Hi guys, finished this one a week ago but i got tired of waiting for sun, to take better photos.... so i took them on cloudy day. The wood looks far more better than in photos... Really need to work on some kind of photo booth for taking photos.
Steel is 1095/15n20 damascus carbon steel, wood is birdseye gidgee, with some curl in it... Tru oil finish. Leather sheath......

c&C welcome

Tom

Reactions: Like 2 | EyeCandy! 9 | Way Cool 4


----------



## Strider (Jan 9, 2016)

Love the way steel seems blue! The wood looks great. Well made.

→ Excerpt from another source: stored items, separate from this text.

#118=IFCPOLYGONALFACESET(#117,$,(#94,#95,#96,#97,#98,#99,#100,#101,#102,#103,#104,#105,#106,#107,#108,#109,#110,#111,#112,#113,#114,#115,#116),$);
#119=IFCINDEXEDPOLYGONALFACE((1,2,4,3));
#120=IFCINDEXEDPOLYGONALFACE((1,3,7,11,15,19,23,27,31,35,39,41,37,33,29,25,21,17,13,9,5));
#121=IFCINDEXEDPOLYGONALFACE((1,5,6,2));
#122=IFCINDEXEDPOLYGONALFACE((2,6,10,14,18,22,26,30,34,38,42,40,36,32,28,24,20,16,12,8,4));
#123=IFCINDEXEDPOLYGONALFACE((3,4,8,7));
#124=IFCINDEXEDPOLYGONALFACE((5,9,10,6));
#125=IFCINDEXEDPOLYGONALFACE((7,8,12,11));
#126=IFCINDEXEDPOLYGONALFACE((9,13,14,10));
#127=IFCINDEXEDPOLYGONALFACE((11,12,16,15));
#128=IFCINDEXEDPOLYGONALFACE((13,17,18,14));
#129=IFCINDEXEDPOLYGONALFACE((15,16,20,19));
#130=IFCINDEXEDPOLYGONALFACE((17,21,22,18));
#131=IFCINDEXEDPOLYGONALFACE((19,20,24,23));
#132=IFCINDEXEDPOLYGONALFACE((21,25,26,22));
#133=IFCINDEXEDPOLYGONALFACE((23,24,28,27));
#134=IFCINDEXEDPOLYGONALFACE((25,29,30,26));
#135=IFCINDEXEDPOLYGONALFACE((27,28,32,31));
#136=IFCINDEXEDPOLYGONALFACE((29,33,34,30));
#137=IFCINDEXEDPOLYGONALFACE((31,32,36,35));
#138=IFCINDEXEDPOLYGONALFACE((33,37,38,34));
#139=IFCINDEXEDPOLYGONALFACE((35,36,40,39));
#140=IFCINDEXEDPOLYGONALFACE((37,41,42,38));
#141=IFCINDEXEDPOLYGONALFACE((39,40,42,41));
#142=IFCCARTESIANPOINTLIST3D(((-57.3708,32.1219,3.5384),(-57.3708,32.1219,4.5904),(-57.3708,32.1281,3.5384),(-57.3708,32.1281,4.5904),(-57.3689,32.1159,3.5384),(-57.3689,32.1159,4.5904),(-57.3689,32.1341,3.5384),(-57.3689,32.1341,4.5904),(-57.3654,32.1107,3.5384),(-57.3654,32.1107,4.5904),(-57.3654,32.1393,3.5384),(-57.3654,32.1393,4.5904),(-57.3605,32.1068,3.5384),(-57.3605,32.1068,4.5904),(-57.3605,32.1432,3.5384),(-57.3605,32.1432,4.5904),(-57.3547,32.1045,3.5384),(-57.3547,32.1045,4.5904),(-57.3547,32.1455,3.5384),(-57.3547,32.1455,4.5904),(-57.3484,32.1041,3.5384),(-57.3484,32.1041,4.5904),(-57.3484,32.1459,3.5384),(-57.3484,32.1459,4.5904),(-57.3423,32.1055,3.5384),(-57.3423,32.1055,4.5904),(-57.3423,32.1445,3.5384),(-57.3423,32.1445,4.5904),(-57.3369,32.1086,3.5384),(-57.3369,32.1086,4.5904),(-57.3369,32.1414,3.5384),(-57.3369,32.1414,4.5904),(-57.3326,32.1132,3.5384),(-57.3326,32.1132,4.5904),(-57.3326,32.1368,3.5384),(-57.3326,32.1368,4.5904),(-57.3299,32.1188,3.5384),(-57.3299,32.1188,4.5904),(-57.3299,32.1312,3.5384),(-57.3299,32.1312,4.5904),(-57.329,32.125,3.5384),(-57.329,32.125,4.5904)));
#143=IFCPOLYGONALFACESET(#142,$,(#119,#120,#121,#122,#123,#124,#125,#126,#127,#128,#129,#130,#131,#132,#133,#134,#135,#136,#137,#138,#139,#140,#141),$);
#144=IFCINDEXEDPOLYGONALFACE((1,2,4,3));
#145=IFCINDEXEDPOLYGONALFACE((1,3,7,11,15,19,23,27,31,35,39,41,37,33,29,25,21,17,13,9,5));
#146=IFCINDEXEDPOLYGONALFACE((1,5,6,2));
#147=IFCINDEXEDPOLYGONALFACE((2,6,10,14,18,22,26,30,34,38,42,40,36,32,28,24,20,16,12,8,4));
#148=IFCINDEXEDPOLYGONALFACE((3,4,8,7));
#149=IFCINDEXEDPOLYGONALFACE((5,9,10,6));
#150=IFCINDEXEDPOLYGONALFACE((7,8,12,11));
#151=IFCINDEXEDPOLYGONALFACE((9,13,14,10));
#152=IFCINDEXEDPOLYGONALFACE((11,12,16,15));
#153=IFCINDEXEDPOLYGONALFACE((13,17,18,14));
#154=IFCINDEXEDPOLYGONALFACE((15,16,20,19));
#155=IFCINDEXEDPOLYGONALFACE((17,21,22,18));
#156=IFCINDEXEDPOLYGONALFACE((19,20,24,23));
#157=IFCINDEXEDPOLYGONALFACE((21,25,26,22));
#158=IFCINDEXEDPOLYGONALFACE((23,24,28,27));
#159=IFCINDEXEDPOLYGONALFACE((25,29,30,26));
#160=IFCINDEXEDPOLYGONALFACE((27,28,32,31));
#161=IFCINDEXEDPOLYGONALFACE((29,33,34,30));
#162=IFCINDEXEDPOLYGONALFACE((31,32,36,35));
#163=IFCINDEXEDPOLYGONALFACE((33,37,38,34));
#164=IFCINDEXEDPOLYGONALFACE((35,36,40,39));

Reactions: Thank You! 1 | EyeCandy! 1


----------



## Woodman (Jan 9, 2016)

Very nice. I like the way you contoured the handle top, bottom and both sides for a sure grip. I just finished a walnut/maple laminated handle this week with similar contours.

Reactions: Thank You! 1


----------



## Tclem (Jan 9, 2016)

Well, if it was me I would have done this and done that .........and then it wouldn't look as good as that. Lol. Good job tom

Reactions: Like 1 | Thank You! 1 | Funny 3


----------



## Wildthings (Jan 9, 2016)

Tom that is a stunner! Thanks for continuing showing your work of arts here. They inspire us wannabees!

Reactions: Thank You! 1


----------



## manbuckwal (Jan 9, 2016)

Great looking knife Tom !!! Like the damascus pattern !

Reactions: Thank You! 1


----------



## Nature Man (Jan 9, 2016)

Magnificent! Nothing better than damascus with gidgee. Strikingly beautiful. Chuck

Reactions: Thank You! 1


----------



## Kevin (Jan 9, 2016)

Great looking knife as always Tom. My only gripe is that you have stopped your top shots past few knives. What's up with that. Kinda like a woman lifting her top but stopping just short of the headlights.

Reactions: Thank You! 1 | Agree 1 | Funny 2


----------



## NYWoodturner (Jan 9, 2016)

Awesome knife man  I don't know that sunlight would have made that look any better... It looks fantastic to me.

Reactions: Thank You! 1


----------